Couves e animais: saber quando parar


Correndo o risco de escrever um texto altamente polémico, não resisti, no entanto, a queixar-me aqui de um fenómeno que as redes sociais têm vindo a potencializar e que me parece ter chegado a um limite já pouco interessante.
Para que não restem dúvidas: considero-me uma boa pessoa e gosto de animais, preocupo-me com o próximo, ajudo os outros, não faço mal a ninguém e envolvo-me em questões sociais. Mas fico um bocado farta ao constatar que tenho de ser, agora, diariamente, bombardeada com fotografias de coelhos, gatos, osgas e grilos e que sei eu mais; que estão todos “a precisar de um lar”, “a precisar de um transplante”, “a morrer” ou simplesmente “muito queridos e quase humanos, olhem como eles são indivíduos especiais com personalidade”, etc, etc
Não é que eu tenha algo contra um ideal de convivência em harmonia cósmica, sem guerras nem poluição e com felicidade e paz para todos os seres. Mas tanta coisa já se torna insuportável e roça quase, a meu ver, uma espécie de loucura. Sinto, eu separo o meu lixo. Não, eu não vou dar porrada em gatos doentes nem vou abandonar um cão velho no meio da estrada. Ok, eu posso olhar para os rótulo do champô para ver se não foi testado em coelhinhos ou coisa que o valha. Mas, por favor, acalmem-se um pouco.
Primeiro, acabem com essa coisa de culpabilizar o ser humano de todo o mal que há no mundo: desde sempre que os animais se comem e matam uns aos outros.
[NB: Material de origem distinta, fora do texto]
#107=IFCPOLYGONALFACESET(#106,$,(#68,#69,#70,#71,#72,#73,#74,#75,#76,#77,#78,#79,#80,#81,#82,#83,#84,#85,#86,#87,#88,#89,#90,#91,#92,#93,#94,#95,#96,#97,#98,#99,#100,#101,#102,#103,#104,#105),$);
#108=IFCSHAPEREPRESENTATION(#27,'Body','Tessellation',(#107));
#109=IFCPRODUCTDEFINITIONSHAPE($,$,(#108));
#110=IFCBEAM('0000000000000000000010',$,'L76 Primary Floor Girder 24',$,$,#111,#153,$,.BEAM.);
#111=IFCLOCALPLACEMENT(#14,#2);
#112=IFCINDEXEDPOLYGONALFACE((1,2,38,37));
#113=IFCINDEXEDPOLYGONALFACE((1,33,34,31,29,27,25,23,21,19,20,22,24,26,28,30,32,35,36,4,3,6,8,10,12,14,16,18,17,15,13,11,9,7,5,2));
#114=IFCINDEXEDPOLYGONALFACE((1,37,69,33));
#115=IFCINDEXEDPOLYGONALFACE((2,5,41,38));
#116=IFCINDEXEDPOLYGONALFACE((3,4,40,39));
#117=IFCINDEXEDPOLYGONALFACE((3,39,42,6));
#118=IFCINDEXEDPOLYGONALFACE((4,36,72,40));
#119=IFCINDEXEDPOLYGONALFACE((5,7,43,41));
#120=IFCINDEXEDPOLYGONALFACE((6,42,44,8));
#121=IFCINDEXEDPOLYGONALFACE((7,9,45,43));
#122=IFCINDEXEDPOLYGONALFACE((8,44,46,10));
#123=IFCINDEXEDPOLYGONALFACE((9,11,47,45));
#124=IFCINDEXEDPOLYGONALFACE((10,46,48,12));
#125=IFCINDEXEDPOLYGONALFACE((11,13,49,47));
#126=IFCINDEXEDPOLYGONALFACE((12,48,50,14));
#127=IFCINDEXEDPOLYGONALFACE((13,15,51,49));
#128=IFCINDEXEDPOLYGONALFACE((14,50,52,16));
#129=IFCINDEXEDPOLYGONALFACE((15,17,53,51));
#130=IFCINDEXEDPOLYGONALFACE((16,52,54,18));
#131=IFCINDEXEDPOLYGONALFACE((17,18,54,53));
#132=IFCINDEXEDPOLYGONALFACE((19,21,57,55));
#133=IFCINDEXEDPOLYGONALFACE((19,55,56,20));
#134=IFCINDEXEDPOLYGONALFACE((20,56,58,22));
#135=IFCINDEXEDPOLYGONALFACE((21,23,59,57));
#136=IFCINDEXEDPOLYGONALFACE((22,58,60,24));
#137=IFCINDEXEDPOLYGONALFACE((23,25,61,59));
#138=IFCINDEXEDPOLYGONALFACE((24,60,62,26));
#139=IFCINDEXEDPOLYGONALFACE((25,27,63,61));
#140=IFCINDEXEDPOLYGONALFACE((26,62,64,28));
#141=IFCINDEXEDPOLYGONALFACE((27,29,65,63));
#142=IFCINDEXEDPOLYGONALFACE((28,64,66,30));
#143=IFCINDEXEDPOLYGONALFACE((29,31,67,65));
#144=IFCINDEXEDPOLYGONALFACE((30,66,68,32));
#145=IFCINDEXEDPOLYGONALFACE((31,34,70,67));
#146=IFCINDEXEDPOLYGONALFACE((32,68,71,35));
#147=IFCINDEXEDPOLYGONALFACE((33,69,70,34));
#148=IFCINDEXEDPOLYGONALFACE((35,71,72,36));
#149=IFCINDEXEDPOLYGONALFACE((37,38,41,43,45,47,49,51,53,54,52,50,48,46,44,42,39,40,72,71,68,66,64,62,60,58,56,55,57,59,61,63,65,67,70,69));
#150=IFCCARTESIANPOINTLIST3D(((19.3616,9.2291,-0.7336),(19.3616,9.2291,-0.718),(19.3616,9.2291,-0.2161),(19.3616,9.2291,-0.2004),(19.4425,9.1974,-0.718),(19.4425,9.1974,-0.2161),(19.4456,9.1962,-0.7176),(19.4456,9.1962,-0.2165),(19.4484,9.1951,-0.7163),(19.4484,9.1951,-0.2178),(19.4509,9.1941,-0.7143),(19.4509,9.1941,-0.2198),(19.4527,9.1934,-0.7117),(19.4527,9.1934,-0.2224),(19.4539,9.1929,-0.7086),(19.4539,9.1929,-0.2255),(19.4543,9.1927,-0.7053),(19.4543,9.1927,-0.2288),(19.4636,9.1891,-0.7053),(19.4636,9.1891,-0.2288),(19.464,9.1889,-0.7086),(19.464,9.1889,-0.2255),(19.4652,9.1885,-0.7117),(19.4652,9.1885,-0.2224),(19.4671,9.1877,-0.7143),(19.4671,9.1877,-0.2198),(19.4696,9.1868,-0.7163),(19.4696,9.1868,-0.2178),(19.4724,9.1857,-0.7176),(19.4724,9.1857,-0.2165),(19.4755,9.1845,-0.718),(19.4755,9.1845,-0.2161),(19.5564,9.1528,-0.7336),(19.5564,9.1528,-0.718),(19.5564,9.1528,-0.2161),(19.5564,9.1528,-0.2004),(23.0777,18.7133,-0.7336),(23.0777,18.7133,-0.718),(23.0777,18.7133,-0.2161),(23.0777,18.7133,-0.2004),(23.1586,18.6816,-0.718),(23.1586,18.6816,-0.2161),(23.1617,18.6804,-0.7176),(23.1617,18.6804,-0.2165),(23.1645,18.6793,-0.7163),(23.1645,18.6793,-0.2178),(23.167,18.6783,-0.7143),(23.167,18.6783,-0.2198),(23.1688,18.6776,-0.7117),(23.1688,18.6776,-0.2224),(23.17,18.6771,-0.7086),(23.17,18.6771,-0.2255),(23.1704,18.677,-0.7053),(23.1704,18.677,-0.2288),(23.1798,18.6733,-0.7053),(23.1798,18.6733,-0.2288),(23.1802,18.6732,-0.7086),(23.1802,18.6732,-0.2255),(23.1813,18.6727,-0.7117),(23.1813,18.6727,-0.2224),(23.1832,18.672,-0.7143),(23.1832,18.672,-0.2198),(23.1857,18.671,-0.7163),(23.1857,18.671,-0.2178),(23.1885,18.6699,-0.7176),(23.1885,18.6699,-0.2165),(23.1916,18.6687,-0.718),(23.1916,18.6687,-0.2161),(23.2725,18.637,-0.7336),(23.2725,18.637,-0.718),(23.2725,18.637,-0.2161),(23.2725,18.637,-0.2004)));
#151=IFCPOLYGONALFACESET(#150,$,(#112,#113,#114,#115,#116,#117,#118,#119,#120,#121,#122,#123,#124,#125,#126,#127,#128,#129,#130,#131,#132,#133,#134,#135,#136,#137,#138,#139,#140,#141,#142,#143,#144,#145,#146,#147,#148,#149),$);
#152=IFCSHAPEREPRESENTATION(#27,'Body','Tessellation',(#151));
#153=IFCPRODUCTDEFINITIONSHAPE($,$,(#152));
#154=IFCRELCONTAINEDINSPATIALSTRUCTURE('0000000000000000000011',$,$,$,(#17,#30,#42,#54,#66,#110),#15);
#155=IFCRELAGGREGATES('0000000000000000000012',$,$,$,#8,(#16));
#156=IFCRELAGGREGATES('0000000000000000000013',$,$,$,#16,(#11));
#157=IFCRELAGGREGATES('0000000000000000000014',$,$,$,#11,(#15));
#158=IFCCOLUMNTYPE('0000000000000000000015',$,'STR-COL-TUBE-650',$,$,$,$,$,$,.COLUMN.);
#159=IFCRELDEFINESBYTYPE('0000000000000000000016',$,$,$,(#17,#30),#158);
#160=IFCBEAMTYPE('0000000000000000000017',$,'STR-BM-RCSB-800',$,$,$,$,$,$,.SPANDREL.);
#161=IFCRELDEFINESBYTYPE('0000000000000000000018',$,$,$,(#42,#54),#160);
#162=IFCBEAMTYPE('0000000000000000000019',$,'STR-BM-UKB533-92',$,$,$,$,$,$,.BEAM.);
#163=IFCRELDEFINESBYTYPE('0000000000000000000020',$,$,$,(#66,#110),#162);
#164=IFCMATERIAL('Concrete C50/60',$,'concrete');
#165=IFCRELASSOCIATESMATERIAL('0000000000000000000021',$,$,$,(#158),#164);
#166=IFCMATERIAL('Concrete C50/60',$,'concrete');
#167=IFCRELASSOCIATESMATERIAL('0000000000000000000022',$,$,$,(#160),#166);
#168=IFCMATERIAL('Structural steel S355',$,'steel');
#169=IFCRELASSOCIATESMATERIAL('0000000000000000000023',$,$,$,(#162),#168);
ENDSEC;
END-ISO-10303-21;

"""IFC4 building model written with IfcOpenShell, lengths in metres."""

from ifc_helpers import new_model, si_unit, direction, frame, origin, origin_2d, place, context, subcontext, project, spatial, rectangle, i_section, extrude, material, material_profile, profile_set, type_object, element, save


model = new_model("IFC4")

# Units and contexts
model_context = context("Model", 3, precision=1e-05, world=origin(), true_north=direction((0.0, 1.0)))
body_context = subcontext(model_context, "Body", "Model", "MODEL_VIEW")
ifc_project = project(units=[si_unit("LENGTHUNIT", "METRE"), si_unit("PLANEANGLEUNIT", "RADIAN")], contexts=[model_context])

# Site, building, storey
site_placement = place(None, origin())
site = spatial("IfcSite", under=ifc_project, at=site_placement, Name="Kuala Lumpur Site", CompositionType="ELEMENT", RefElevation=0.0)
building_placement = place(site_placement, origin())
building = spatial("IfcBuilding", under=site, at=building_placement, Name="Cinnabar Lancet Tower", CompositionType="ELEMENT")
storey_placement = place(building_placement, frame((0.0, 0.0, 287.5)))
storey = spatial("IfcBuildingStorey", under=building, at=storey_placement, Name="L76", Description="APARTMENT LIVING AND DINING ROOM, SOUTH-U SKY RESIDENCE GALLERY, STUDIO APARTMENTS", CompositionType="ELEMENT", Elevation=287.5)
Não que eu ache isso bom (nem estou a desculpar nada) mas é que já chega essa ideia da expiação constante e do “peço desculpa por ser humano oh, sou tão péssimo por ser humano (e olhem os animaizinhos, como são peludos e puros)”.
Segundo, eu posso beber o meu leite se me apetecer e não tem de ser de soja. Posso gostar de carne, tal como os meus antepassados desde há milhares de anos o fazem, e isso não me torna num monstro. E posso não estar constantemente obcecado/a com a quantidade de insecticidas na minha alface, a sério, isso não tem de ser uma preocupação constante.

Era interessante que essas pessoas que passam os dias a pôr fotografias de rabanetes biológicos, cães perdidos e/ou maltratados no facebook olhassem um pouco para o mundo à sua volta: o dos humanos. De certeza que há muita injustiça na nossa terra, a esse nível, também que com tanta  confusão de animais e plantas em extinção, acaba por lhes escapar. Aliás, talvez essas manifestações todas derivem de questões politico-eocnomicas, que nos compete combater, em larga escala. Não é para generalizar mas, segundo a minha experiência, essa gente acaba muitas vezes por se esquecer de contemplar os problemas e as dificuldades muito piores dos seus pares: recorde-se, as pessoas.